Email server software component

procmail is an email server software component — specifically, a message delivery agent (MDA). It was one of the earliest mail filter programs. It is typically used in Unix-like mail systems, using the mbox and Maildir storage formats.

procmail was first developed in 1990, by Stephen R. van den Berg. Philip Guenther took over maintainership for a number of years, but relinquished the role in 2014. The software remained unmaintained for several years, and was believed to be defunct. In 2020 May, Stephen van den Berg resumed maintenance again. The program has since seen multiple releases and bug-fixes.

== Uses ==

The most common use case for procmail is to filter mail into different mailboxes, based on criteria such as sender address, subject keywords, and/or mailing list address.

Another use is to let procmail call an external spam filter program, such as SpamAssassin. This method can allow for spam to be filtered or deleted.

The procmail developers have built a mailing list manager called SmartList on top of procmail.

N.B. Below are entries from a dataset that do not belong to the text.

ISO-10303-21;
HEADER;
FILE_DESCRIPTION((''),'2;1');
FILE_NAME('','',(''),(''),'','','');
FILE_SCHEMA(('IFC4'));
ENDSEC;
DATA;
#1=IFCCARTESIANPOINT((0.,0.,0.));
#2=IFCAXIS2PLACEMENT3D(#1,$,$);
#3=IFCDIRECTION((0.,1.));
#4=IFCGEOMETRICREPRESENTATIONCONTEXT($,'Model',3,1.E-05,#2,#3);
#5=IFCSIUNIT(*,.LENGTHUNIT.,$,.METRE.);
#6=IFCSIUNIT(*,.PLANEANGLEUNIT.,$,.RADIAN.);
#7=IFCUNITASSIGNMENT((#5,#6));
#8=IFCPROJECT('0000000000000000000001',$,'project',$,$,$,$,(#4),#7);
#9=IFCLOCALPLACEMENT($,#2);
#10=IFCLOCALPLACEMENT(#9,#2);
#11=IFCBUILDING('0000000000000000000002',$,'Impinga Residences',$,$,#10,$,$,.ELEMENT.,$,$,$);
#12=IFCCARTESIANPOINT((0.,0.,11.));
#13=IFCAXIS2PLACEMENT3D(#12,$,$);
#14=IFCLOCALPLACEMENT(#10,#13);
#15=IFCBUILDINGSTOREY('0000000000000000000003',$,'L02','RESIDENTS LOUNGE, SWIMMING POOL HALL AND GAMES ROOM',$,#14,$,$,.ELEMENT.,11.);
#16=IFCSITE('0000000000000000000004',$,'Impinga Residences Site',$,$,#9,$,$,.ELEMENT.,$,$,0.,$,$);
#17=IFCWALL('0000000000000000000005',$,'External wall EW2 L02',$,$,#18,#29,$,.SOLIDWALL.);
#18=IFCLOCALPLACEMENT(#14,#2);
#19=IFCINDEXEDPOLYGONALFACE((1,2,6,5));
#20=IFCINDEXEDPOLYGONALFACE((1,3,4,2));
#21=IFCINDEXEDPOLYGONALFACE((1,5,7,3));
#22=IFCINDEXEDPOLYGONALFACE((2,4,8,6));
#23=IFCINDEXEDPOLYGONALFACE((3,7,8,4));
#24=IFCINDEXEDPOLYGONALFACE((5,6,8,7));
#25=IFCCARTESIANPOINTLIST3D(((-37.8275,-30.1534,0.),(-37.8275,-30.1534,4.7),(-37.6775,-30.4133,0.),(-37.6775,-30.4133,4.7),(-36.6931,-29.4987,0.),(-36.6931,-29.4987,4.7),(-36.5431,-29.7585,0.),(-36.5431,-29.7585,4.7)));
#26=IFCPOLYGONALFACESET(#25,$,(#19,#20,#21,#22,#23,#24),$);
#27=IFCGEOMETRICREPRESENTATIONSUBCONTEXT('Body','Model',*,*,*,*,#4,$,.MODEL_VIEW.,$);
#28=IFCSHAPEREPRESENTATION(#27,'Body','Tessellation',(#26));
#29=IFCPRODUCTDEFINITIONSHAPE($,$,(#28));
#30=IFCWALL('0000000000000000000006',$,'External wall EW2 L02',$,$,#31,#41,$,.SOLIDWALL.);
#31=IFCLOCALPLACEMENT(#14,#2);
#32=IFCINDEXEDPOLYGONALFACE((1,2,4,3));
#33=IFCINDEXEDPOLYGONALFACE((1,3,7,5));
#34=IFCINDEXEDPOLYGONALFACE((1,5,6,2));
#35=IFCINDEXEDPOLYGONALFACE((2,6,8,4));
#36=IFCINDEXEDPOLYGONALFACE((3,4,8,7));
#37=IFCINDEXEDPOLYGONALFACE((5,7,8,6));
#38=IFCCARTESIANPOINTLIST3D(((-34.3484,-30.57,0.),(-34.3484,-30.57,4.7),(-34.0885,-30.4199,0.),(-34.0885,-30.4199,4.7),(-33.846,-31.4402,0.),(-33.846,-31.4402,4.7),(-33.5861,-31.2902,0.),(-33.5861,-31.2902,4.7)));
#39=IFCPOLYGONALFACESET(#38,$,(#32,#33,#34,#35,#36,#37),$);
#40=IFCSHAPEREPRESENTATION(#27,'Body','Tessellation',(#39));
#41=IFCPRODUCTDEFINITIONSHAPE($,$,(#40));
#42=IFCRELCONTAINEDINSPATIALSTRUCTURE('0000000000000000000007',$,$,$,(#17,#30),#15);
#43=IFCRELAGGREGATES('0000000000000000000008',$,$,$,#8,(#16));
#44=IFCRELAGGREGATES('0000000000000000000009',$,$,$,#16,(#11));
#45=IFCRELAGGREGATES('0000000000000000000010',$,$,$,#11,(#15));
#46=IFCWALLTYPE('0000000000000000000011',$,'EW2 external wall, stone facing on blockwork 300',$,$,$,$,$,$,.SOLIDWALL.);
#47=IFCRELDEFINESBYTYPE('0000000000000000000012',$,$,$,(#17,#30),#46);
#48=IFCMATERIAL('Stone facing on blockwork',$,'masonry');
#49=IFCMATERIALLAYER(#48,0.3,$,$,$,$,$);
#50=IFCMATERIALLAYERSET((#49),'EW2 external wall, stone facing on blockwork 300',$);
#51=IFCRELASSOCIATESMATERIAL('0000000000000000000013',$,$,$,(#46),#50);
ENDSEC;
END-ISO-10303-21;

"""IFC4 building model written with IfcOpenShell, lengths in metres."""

from ifc_helpers import new_model, si_unit, direction, frame, frame_2d, origin, place, context, subcontext, project, spatial, rectangle, extrude, material, layer, layer_set, type_object, element, save


model = new_model("IFC4")

# Units and contexts
model_context = context("Model", 3, precision=1e-05, world=origin(), true_north=direction((0.0, 1.0)))
body_context = subcontext(model_context, "Body", "Model", "MODEL_VIEW")
ifc_project = project(units=[si_unit("LENGTHUNIT", "METRE"), si_unit("PLANEANGLEUNIT", "RADIAN")], contexts=[model_context])

# Site, building, storey
site_placement = place(None, origin())
site = spatial("IfcSite", under=ifc_project, at=site_placement, Name="Impinga Residences Site", CompositionType="ELEMENT", RefElevation=0.0)
building_placement = place(site_placement, origin())
building = spatial("IfcBuilding", under=site, at=building_placement, Name="Impinga Residences", CompositionType="ELEMENT")
storey_placement = place(building_placement, frame((0.0, 0.0, 11.0)))
storey = spatial("IfcBuildingStorey", under=building, at=storey_placement, Name="L02", Description="RESIDENTS LOUNGE, SWIMMING POOL HALL AND GAMES ROOM", CompositionType="ELEMENT", Elevation=11.0)

# Wall
ifc_material_1 = material(Name="Stone facing on blockwork", Category="masonry")
ifc_layer_1 = layer(ifc_material_1, 0.3)
ifc_layer_set_1 = layer_set([ifc_layer_1], Name="EW2 external wall, stone facing on blockwork 300")
wall_type = type_object("IfcWallType", Name="EW2 external wall, stone facing on blockwork 300", PredefinedType="SOLIDWALL", material=ifc_layer_set_1)
wall_1_placement = place(storey_placement, frame((-36.6182, -29.6287, 0.0), z_axis=(0.0, 0.0, 1.0), x_axis=(-0.866102, -0.499868, 0.0)))
element("IfcWall", 1, at=wall_1_placement, inside=storey, type_object=wall_type, Name="External wall EW2 L02", PredefinedType="SOLIDWALL", context=body_context, shape_type="SweptSolid", body=[
    extrude(rectangle(XDim=1.3098, YDim=0.3, at=frame_2d((0.6548, 0.0))), origin(), (0.0, 0.0, 1.0), 4.7),
])

# Wall
wall_2_placement = place(storey_placement, frame((-33.7161, -31.3652, 0.0), z_axis=(0.0, 0.0, 1.0), x_axis=(-0.499954, 0.866052, 0.0)))
element("IfcWall", 2, at=wall_2_placement, inside=storey, type_object=wall_type, Name="External wall EW2 L02", PredefinedType="SOLIDWALL", context=body_context, shape_type="SweptSolid", body=[
    extrude(rectangle(XDim=1.0049, YDim=0.3, at=frame_2d((0.5024, 0.0))), origin(), (0.0, 0.0, 1.0), 4.7),
])

save(model, "model.ifc")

Procmail is an early example of a mail filtering tool and language. It is a data-driven programming language, similar to earlier line-oriented languages such as sed and AWK.

== Operation ==

procmail reads mail messages given to it on standard input, delivering or otherwise dispositioning each one. procmail is typically not invoked directly by the user. Rather, some other mail program will call upon procmail to deliver a message according to the user's wishes. Message transfer agents (MTAs), such as Sendmail or Postfix), can be configured to use procmail to deliver all mail. A mail retrieval agent such as fetchmail can invoke procmail as needed. The companion tool formail allows procmail to be applied to mail already in a mailbox.

procmail's behavior is controlled by a config file (by default, .procmailrc in the user's home directory) containing one or more recipes, read in order. Each recipe consists of a mode, zero or more conditions, and an action.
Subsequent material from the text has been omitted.